No, the A's can't seem to retain their players but does that mean baseball should change its policies so players can make less money working in smaller markets? Maybe the A's need to get over that hump and quit choking each and every season. It's not like their players are leaving and the team is struggling. Maybe then I'd have some sympathy. But when a big name player leaves and the team still has a 2-0 series lead the following season just to blow it, only the players and manager are to blame. Not the front office.

Last year I did extensive research on this subject for a project I did for class. I don't care to bore you with all the statistics that I found as to why baseball works fine the way it is. The best point made though may just be comparing baseball to a sport with a salary cap in professional basketball.

The NBA has a salary cap and still we see dynasty after dynasty.

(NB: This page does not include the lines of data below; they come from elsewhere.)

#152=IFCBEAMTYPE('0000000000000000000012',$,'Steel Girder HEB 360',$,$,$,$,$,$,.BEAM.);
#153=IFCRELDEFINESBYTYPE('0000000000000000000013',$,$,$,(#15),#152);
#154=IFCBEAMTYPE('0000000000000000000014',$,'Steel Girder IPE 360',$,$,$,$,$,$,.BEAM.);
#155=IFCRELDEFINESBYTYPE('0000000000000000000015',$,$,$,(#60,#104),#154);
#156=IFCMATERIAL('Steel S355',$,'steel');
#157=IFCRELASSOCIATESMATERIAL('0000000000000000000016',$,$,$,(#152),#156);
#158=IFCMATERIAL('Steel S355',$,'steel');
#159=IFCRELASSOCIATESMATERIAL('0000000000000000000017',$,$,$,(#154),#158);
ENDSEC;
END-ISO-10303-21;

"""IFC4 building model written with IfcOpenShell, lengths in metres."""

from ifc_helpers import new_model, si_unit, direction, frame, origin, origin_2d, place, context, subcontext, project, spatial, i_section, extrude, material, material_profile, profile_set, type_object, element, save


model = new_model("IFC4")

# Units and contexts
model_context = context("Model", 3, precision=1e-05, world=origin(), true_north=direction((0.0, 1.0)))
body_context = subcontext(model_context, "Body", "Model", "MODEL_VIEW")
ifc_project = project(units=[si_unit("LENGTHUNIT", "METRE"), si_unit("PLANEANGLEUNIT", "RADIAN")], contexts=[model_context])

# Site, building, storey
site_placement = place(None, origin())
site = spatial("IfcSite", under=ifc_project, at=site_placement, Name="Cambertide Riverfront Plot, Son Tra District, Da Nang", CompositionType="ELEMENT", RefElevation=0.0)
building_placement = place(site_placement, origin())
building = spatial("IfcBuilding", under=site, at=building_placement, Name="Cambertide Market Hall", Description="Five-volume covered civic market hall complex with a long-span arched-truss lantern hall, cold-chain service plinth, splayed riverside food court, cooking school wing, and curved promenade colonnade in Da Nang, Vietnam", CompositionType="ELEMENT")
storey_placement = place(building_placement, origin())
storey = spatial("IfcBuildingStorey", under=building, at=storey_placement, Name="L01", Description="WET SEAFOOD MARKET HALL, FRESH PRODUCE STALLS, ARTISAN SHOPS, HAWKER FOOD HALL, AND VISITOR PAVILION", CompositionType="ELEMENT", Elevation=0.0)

Since 1990, how many teams not named the Pistons, Bulls, Rockets, Spurs and Lakers have won the NBA Championship? Major League Baseball offers the spice of life as the past 16 years have produced a number of different champions. Including teams like the Minnesota Twins and Toronto Bluejays who fans continue to weep for.

Anything can happen in baseball, it's one of the reasons it's the greatest sport we have. It was proven just this offseason as the Tigers (whose biggest free agency aquisition this decade was Ivan Rodriguez) bounced out the high and mighty Yankees from the playoffs. If teams want to go out there and spend big bucks, that's fine. It doesn't guarantee anything. In fact, it only seems to make things more interesting as nobody roots for Goliath.